Mon, Jul. 31, 2017

The Danger of Electronic Surveillance of Staff

Poisonous Digital Harvest
SFe - Washington.   The top German court for employment matters in Erfurt exa­mi­ned whether an employer may electronically monitor its employees, using a key­log­ging system. It published its decision on July 27, 2017 in the matter 2 AZR 681/16. The defendant employer had installed keylogging spyware on all of its computers in order to observe their use by its staff whom it had informed about the measure. A dismissed staffer sued the company whose spyware proved that the plaintiff had used its com­pu­ter extensively for personal matters during working hours.

The German Supreme Court for Employment Matters, Bundesarbeitsgericht, decided that the generalized, non-specific surveillance of employees violates the right of pri­va­cy in Art. 2(I) of the German Federal Constitution in conjunction with its Art. 1(I) when the employer lacks reasonable cause to suspect a violation of work rules which relates to §32(I) of the Federal Data Protection Statute.
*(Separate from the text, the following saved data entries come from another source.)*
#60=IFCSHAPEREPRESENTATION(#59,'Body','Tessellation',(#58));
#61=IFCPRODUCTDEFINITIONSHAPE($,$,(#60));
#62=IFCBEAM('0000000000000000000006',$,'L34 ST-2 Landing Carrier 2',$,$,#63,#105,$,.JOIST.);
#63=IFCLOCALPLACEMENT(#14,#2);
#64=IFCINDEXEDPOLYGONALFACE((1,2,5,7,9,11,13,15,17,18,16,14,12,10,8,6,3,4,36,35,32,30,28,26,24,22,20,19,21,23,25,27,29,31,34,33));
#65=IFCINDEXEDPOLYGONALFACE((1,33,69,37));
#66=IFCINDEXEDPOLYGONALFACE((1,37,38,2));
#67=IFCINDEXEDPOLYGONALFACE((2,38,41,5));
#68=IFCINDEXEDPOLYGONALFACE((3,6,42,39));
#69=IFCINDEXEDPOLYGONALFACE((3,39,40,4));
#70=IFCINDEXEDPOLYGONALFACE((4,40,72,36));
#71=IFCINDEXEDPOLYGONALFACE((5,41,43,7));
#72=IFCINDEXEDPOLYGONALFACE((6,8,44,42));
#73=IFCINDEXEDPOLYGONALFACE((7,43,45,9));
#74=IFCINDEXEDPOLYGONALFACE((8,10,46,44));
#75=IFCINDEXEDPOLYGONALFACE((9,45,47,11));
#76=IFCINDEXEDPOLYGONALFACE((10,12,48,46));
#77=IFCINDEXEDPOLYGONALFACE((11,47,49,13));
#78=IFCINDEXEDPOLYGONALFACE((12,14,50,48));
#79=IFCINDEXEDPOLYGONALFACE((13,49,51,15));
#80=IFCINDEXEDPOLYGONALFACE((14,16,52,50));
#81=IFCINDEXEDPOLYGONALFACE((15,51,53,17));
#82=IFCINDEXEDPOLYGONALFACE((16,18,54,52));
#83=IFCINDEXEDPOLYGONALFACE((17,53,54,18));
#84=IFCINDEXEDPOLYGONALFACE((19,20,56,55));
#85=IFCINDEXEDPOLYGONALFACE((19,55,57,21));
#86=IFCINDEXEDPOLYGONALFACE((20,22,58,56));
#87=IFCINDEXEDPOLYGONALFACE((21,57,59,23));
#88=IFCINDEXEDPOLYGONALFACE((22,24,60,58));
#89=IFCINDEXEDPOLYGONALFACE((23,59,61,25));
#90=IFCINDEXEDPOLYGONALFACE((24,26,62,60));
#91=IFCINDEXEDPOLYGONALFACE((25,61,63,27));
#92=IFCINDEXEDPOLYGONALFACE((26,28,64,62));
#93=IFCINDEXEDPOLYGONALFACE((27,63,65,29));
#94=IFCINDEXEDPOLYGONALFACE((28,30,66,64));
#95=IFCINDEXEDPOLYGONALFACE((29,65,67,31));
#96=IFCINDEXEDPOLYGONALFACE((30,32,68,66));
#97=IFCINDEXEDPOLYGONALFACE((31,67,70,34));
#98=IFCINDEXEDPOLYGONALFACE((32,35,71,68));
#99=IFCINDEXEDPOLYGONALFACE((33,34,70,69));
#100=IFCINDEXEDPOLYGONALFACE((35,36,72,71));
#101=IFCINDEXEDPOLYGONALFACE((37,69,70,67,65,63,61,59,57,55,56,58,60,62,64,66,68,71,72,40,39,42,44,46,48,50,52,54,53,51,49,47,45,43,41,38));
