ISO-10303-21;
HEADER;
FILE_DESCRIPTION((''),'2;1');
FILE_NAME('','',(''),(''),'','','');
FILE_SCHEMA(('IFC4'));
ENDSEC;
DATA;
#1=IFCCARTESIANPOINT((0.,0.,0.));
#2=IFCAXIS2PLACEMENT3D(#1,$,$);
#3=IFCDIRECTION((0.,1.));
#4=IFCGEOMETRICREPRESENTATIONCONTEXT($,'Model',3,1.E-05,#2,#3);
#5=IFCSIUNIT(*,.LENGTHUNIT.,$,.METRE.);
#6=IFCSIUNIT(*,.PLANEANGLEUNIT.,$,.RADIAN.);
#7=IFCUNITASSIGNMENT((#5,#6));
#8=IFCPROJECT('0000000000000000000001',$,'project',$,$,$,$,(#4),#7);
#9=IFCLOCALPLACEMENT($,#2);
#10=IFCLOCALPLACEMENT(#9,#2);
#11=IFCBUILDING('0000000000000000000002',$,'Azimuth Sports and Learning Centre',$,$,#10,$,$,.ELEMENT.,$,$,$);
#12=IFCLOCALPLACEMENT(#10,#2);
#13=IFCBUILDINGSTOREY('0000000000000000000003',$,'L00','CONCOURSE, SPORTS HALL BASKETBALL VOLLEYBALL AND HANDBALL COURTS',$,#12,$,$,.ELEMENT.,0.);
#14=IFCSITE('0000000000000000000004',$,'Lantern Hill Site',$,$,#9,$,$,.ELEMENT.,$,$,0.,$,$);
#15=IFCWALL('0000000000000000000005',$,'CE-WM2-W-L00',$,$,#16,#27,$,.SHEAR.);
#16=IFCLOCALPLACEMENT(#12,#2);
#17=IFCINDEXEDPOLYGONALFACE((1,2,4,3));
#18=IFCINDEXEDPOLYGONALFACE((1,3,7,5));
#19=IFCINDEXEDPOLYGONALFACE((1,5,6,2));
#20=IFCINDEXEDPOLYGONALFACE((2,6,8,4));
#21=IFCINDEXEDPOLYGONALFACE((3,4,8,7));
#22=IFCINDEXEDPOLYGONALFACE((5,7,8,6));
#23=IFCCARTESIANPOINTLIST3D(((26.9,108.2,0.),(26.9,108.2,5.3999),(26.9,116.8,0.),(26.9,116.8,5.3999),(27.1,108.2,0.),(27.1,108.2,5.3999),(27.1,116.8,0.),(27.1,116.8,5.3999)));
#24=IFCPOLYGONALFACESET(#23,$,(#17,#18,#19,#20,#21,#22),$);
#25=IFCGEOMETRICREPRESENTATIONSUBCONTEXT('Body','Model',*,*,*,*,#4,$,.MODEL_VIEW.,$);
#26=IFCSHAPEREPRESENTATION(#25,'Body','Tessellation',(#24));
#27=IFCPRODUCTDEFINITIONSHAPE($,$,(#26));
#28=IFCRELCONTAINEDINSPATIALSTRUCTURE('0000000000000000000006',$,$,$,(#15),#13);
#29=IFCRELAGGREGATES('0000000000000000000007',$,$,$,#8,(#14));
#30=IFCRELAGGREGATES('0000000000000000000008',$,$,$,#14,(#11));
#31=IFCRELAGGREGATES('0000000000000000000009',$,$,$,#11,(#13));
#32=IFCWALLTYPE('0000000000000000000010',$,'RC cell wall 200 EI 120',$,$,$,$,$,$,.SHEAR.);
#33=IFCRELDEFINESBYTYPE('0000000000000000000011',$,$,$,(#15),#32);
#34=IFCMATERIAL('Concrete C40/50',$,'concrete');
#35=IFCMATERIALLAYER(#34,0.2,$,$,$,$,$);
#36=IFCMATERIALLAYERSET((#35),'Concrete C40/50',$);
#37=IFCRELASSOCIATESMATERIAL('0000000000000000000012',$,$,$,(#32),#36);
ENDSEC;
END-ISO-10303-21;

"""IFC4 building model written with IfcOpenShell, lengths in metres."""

from ifc_helpers import new_model, si_unit, direction, frame, frame_2d, origin, place, context, subcontext, project, spatial, rectangle, extrude, material, layer, layer_set, type_object, element, save


model = new_model("IFC4")

# Units and contexts
model_context = context("Model", 3, precision=1e-05, world=origin(), true_north=direction((0.0, 1.0)))
body_context = subcontext(model_context, "Body", "Model", "MODEL_VIEW")
ifc_project = project(units=[si_unit("LENGTHUNIT", "METRE"), si_unit("PLANEANGLEUNIT", "RADIAN")], contexts=[model_context])

# Site, building, storey
site_placement = place(None, origin())
site = spatial("IfcSite", under=ifc_project, at=site_placement, Name="Lantern Hill Site", CompositionType="ELEMENT", RefElevation=0.0)
building_placement = place(site_placement, origin())
building = spatial("IfcBuilding", under=site, at=building_placement, Name="Azimuth Sports and Learning Centre", CompositionType="ELEMENT")
storey_placement = place(building_placement, origin())
storey = spatial("IfcBuildingStorey", under=building, at=storey_placement, Name="L00", Description="CONCOURSE, SPORTS HALL BASKETBALL VOLLEYBALL AND HANDBALL COURTS", CompositionType="ELEMENT", Elevation=0.0)

# Shared definitions
ifc_material_1 = material(Name="Concrete C40/50", Category="concrete")
ifc_layer_1 = layer(ifc_material_1, 0.2)
ifc_layer_set_1 = layer_set([ifc_layer_1], Name="Concrete C40/50")
wall_type_1 = type_object("IfcWallType", Name="RC cell wall 200 EI 120", PredefinedType="SHEAR", material=ifc_layer_set_1)

# Wall
wall_1_placement = place(storey_placement, frame((27.0, 108.2, 0.0), z_axis=(0.0, 0.0, 1.0), x_axis=(0.0, 1.0, 0.0)))
element("IfcWall", 1, at=wall_1_placement, inside=storey, type_object=wall_type_1, Name="CE-WM2-W-L00", PredefinedType="SHEAR", context=body_context, shape_type="SweptSolid", body=[
    extrude(rectangle(XDim=8.6001, YDim=0.2, at=frame_2d((4.3, 0.0))), origin(), (0.0, 0.0, 1.0), 5.3999),
])

save(model, "model.ifc")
An employer needs a rea­sona­ble sus­picion that the employee commits an offense or another serious violation. The dis­pu­ted matter lacked a specific cause so that the dismissal was void, as the digital harvest was poisonous.

At first glance, German and American Federal Law seem to converge in the area of privacy at the place of employment. In New Orleans, The United States Circuit Court of Appeals for the Fifth Circuit had decided on July 25, 2017 in T-Mobile USA Inc. v. NLRB with a similar result. However, the context in the T-Mobile case was dif­fe­rent: Some monitoring is illegal when it impacts unionization efforts.